If You Snack It, Track It!
The title is advice that our this week’s featured member, kellic2174, would like to share with you. She has lost 69 pounds by logging her foods and daily activities.
1. What made you decide to lose weight this time? Did you have an “Ah Ha!” moment?
Last year, while going through a miserable pregnancy with preeclampsia and high blood pressure, I gained a substantial amount of weight. As a result, I was placed on bed rest a month before having my daughter, who was born in October. I went from 179 lbs pre-pregnancy to 249 lbs the day she was born. When I was going to my prenatal doctor visits, I was so embarrassed to weigh, that I actually turned around on the scale so I wouldn’t see the number! I wasn’t aware that I had gained so much until I went to the hospital for delivery. One nurse yelled out to another nurse across the room, “I got 249 for her weight!” I was in shock, and about to die of embarrassment since my husband also got to hear it!
2. What other “diets” (programs, products, plans, or services) had you tried in the past?
The Weight Watchers program has helped me re-learn what I should be eating and how to control my portions. I tried the Atkins diet a few times, but always regained the weight! With Calorie Count, I can easily track my foods in their database, and even look back to previous weeks when I have lost more weight and see what I ate that week, how much exercise I did, and then I can see what really worked for me that week.
3. What changes did you make to your usual diet, activity, lifestyle, and attitude?
I still eat the foods I love, just in moderation. I have stepped up my exercising and tried several different aerobics classes. There is a “Bodypump” class at my gym, which is a great overall workout. I also love the Zumba classes and the elliptical machines. If you are able to have a little fun while you exercise, it really helps keep you motivated! Listening to your favorite upbeat music helps the time during a workout go faster! Since I started, I have lost 69 lbs, and feel like I am on top of the world. It’s empowering! After all, you are the only one who is control of your life and what you accomplish! The most important (and most difficult) change for me was to keep track of what I am eating each day. If you can make it through the first 6 weeks, it gets much easier!
4. How did Calorie Count help you to lose weight?
By helping me monitor my food intake (calories, fat grams, fiber, etc.) in the Food Log and what percentages of each type of food I am eating. I figured out that I am a carbaholic and really need to focus on eating more vegetables. Calorie Count makes it easy to see what I am eating too much/too little of, and even gives a nutritional grade to let me know how I am doing each day. The Burn Meter helps me stay under my allotted calorie amount each day, and the Activity Log lets me know how many calories I have burned each day for whatever type of exercise I do. I also get excited every time I get to enter a weight loss in the Weight Log!
5. What was most challenging about losing weight?
Not completely eliminating food groups. I usually weigh myself on Fridays, to keep it consistent, and use Saturday as a “day off” and I eat what I want within reason! I really love to go to Applebee’s and get their wings, which is my usual cheat meal. I look forward to it every week, and it keeps me going! You also have to vary your exercise routine, since your muscles have a memory, you need to keep challenging them to build.
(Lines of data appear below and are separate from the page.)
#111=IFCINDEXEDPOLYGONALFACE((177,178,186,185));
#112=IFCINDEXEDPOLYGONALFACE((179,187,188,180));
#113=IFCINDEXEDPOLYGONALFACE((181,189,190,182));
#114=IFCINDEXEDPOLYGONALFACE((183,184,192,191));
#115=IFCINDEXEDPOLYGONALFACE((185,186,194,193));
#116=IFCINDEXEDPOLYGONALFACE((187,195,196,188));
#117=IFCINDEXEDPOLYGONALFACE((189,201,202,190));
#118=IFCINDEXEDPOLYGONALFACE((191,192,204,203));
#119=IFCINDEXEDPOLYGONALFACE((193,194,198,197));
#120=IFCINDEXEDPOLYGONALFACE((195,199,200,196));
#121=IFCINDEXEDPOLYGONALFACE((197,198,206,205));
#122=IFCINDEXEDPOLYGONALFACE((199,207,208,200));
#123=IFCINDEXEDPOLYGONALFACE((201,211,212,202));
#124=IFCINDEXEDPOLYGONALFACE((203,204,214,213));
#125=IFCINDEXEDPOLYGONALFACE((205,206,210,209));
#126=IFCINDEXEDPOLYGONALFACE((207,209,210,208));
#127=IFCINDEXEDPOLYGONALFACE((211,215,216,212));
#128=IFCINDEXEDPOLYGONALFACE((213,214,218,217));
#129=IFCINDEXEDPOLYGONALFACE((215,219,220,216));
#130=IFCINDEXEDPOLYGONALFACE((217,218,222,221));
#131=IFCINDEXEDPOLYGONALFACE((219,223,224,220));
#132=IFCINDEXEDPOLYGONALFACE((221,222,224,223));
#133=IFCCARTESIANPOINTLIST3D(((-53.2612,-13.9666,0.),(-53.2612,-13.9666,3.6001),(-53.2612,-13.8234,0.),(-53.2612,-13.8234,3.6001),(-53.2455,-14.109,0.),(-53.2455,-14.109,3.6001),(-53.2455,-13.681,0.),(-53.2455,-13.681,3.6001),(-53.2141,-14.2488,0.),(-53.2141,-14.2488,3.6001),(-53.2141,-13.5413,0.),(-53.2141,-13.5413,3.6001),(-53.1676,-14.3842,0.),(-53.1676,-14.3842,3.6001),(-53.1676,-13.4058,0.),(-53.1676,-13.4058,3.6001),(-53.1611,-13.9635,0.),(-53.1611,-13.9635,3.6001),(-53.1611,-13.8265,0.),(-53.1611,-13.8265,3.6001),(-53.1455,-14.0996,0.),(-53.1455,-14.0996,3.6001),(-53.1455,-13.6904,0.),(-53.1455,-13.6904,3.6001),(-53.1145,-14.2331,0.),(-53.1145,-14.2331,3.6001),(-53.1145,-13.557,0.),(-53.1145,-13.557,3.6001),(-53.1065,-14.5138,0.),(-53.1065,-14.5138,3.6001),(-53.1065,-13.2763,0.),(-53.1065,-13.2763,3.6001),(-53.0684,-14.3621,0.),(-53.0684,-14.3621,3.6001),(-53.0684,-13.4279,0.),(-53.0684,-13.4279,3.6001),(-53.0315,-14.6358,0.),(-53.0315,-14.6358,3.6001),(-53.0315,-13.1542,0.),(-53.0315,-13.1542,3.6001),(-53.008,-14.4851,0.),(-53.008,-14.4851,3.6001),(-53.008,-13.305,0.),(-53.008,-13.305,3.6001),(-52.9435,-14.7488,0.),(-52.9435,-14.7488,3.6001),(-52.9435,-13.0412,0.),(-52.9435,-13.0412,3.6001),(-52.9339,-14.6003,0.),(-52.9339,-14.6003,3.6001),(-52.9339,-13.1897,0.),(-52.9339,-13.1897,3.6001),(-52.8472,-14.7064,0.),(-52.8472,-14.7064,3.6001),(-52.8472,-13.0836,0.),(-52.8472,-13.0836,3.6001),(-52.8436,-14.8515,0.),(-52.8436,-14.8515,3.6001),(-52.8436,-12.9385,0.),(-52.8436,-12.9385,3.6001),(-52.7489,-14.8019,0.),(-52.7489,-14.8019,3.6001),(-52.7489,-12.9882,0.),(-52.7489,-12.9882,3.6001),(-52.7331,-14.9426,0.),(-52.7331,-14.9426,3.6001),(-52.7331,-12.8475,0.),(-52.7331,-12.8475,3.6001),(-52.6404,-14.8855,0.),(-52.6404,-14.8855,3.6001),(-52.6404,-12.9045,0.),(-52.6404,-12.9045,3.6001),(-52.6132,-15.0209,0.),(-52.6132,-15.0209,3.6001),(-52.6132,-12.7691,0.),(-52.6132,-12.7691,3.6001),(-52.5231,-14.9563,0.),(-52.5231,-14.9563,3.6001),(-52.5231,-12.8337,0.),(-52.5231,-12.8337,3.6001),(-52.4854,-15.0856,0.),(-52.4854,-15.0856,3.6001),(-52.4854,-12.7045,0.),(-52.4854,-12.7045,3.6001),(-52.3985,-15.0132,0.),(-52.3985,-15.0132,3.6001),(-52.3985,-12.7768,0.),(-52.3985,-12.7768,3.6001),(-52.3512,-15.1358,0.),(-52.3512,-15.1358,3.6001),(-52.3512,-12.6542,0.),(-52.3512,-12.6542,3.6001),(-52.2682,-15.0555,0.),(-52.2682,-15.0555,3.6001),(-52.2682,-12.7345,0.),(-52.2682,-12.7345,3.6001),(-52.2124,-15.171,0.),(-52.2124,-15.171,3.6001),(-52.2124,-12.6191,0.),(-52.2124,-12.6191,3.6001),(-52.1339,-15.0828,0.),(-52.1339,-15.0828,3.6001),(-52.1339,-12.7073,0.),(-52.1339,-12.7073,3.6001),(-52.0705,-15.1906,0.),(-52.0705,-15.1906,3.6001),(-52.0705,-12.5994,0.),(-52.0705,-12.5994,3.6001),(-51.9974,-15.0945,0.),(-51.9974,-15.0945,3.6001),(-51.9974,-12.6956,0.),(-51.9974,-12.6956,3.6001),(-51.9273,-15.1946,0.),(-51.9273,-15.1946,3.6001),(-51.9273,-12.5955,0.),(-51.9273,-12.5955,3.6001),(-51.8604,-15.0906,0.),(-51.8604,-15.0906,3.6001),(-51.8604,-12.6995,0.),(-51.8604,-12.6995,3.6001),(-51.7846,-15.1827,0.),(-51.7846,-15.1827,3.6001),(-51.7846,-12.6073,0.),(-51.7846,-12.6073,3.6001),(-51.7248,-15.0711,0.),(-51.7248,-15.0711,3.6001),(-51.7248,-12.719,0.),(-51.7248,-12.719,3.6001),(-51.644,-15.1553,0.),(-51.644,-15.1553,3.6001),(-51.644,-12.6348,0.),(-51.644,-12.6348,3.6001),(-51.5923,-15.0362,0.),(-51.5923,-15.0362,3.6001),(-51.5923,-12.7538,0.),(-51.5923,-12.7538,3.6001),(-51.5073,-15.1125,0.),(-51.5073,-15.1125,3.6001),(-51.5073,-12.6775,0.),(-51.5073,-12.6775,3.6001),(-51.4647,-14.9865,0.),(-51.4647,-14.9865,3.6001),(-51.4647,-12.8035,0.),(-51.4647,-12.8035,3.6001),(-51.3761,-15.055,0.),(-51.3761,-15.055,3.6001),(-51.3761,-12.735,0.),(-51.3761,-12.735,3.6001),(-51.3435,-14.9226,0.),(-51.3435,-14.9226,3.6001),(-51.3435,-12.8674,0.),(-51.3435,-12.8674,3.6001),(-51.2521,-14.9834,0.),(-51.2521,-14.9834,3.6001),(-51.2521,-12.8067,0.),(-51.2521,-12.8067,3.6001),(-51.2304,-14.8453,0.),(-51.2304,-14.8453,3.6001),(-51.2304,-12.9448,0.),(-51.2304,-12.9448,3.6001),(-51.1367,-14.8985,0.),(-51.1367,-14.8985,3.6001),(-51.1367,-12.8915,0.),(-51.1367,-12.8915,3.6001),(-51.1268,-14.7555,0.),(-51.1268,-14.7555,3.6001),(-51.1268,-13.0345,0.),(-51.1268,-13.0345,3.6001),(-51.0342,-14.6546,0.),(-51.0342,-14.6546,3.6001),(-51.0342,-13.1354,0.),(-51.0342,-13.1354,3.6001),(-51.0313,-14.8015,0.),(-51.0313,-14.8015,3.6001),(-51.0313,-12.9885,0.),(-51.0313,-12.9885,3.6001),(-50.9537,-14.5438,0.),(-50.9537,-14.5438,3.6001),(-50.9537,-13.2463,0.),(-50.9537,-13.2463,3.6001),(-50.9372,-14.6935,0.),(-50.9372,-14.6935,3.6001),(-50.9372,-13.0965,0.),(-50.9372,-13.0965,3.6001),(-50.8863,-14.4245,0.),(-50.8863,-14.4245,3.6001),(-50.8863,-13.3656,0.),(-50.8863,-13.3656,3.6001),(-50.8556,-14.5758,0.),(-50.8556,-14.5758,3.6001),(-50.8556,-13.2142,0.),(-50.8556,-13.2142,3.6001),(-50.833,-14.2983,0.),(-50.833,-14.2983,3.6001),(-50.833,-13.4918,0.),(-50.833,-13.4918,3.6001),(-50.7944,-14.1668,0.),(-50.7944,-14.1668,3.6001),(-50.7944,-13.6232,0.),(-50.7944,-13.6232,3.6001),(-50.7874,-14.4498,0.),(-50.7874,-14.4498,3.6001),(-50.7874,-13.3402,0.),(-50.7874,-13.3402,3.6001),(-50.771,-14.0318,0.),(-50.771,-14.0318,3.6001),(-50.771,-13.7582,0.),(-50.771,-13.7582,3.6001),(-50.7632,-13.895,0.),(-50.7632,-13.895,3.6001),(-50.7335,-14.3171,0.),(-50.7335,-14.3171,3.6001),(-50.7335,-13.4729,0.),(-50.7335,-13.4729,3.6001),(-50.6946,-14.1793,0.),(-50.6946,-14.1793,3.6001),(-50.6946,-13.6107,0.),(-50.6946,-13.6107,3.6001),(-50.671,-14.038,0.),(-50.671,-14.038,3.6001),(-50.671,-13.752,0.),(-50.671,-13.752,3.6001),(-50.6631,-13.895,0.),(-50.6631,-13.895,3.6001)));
6. How long did it take you to see results?
Within one week, I had lost 5 lbs. Some weeks I can lose 3 or 4 lbs, but the next week will be less. I just know that if I don’t drop much this week, that next week I will drop more to make up for it. It all evens out, you just have to keep going.
7. When did you realize that you were a success?
When I won a Biggest Loser Contest for losing 23 pounds in 8 weeks. I beat almost 60 people, and it really gave me a sense of accomplishment. I had an article and my picture in the local newspaper, and won 3 months memberships at a local gym, 5 free personal training sessions, a massage, and a metacheck test.
8. How do you prevent relapse?
I just remind myself how unhappy I was and how bad I felt, and refuse to let myself get there again. It’s just not worth it! Staying in good health is also a major deterrent in gaining the weight back!
9. How has your life changed now that you’ve lost weight?
I feel incredible! I feel like a new woman! I have more energy, have more confidence, and am definitely happier. I was like a cloud has been lifted from my head! I think that if a person can lose a substantial amount of weight, they can do anything they set their mind too!
10. What five tips do you have for other dieters?
- If you bite it, write it. If you snack it, track it. If you hog it, log it! Write down every thing you eat and make yourself accountable. Calorie Count is a great tool to help you with this, since they have so many foods in their database with their nutritional information already listed.
- Only weigh yourself once per week, and don’t worry about the daily
ups and downs on the scale.
- Still incorporate the foods you love that are unhealthy, just eat
- Get active. Find activities you love to do and do them. Try to change it up and not get bored with the same routine. Your muscles have a great memory, so to make them grow you must change things up
every now and then.
- Try to find some kind of support, whether it be a friend who will go on walks with you, or just someone who will ask how you are doing with your weight loss and keep you motivated.